Thursday, April 30, 2009

No more hedging orders NFA – Changing the forex strategy landscape

Everyone is talking about it! No more hedging on the same currency pair if you are using US-based brokers. The National Futures Association will be enforcing a Rule 2-43b that prevents a long and short being taken on the same currency pair at the same time with effect from 15 May 2009.

The reason given is that it is disadvantageous for a trader to be using such a strategy which incur costs (spread from long and spread from short) and these strategies are detrimental to trading. So for the sake of traders, brokers are not allowed to have hedging of the same currency pair.

So if you have a long order, and then issue a short order, your long will be closed, leaving your short order in place. You cannot have opposing trade orders in the same account for the same currency pairs.

If you must do it, open a different account, with one account doing long trades and another account doing short trades!

Implications for EAs are great. They have to be re-written. If the strategy has no changes, you need to split the strategy into two to be handled by two different accounts. How troublesome.

What about pending orders that are opposing? What if you have ensured that the orders are not triggered at the same time or ensuring that one is a market order and the other is always a pending opposing order. I posed that question to IBFX and their reply was “they don’t know the answer yet”.

Yes, it is going to be tricky if they don’t even allow opposing orders that consist of pending orders. A lot of other strategies has to be re-written. For example a Stop and Reverse strategy must really have the losing order “stopped” first before triggering a “reverse” order. And one must be careful to code in the spreads as well. A lot of precision and thinking now. No more sloppy strategy coding.

Thursday, April 23, 2009

Automated Trading Championship - My 2008 Experiences

The reason why I can write so much on MetaQuotes' s Automated Trading Championship is because I was a participant in 2008. Everything was new for me, and the mad rush to understand the rules and then coding an expert advisor, discovering the intolerances of all sorts of errors, and finally dishing out a half-baked EA that got stuck in the early part of the competition.

I coded an EA based on a weekly strategy, and risked on the higher side for the lot volume so that the EA can get ahead. The currency pair traded was EURUSD. I have always wanted to do a multi-currency pairs EA but just could not find the time for it.

One week after the competition started, EURUSD threw up a more than 100 pips gap over the weeks, and my EA was "lost" simply because I did not handle the big gap.



But on the whole it traded very little but managed to get a profit of $1451, ranked at 95 out of 705. Nothing to be proud of especially over such a small gain. But then, it did give a nice feeling that I managed to be the few who could maintain the equity and gained some profit.







More importantly, it made at least 5 trades which was a competition requirement. But I guess it does not matter because the true performance of the EA has been marred by its inactivity for many weeks, and so it is not reflective of its capability or incapability.

Wednesday, April 8, 2009

Automated Trading Championship – Why Join?

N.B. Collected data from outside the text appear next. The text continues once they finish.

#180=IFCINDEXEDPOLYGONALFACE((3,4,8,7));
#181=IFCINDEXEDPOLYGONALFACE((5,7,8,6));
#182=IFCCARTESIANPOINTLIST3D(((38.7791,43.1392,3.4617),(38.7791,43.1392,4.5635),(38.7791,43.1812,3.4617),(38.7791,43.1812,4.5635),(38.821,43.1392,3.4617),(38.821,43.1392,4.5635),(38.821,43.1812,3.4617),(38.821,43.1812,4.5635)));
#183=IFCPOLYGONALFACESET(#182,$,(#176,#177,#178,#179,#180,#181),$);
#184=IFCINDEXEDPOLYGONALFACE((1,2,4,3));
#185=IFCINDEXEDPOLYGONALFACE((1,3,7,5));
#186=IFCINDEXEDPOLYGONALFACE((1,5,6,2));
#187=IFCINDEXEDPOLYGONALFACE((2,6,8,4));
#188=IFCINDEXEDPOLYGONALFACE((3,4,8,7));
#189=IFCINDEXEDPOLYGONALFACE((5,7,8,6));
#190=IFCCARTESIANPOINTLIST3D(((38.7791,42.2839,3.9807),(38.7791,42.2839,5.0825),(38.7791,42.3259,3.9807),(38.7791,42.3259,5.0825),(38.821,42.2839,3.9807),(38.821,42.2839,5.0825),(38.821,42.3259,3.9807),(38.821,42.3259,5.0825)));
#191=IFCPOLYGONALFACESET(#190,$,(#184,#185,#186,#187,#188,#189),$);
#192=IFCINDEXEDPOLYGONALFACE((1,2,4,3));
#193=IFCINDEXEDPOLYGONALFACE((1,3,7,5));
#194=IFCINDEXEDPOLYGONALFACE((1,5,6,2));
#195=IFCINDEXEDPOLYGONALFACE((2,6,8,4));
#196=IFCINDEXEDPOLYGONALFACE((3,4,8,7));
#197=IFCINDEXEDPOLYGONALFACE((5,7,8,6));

What are the possible reasons for wanting to participate in ATC? The reasons are many, from the most trivial of just having some fun to potentially finding business opportunities. Let’s discuss some of this.


1. Self-selected MQL4 Olympian


Well, when you are a participant, you country is listed and so are your fellow countrymen. Within that you can have fun to see if you are doing better than them or better still in a small world like us, it looks like an Olympic game. Just think - you cab select yourself to represent your country.


2. Self-disciplined EA


Your EA needs to be efficient in using computing resources and error-free. Even if you have escaped the scrutiny before the competition, you may run into some errors which will disqualify you. Participating will help you build more efficient EAs and force you to discipline your EA and yourself and up the ante.


3. Making new MQL4 friends


Hey you can go around as a participant and drop messages on other participants and they on yours, so hopefully you get to know more like-minded MQL4 freaks.


4. Benchmark your EA


This is a good time with all participants on common ground to pit your EA against others and see how well it performs. It will tell you how good or bad your strategies are. Or maybe it is not the strategies but poor coding. Whatever it is, it will help you to see what kind of EA you have written.


5. Selling your EA.


If your EA show promising results, rest assured that there are many eyes from all over the world who will express interests to purchase your EA.


6. Business opportunities


Or you might get requests by intermediaries who will host your EA as a list of offerings to their customers and earn some bucks in return.


I am sure there are more. If you can think of any, drop me some comments!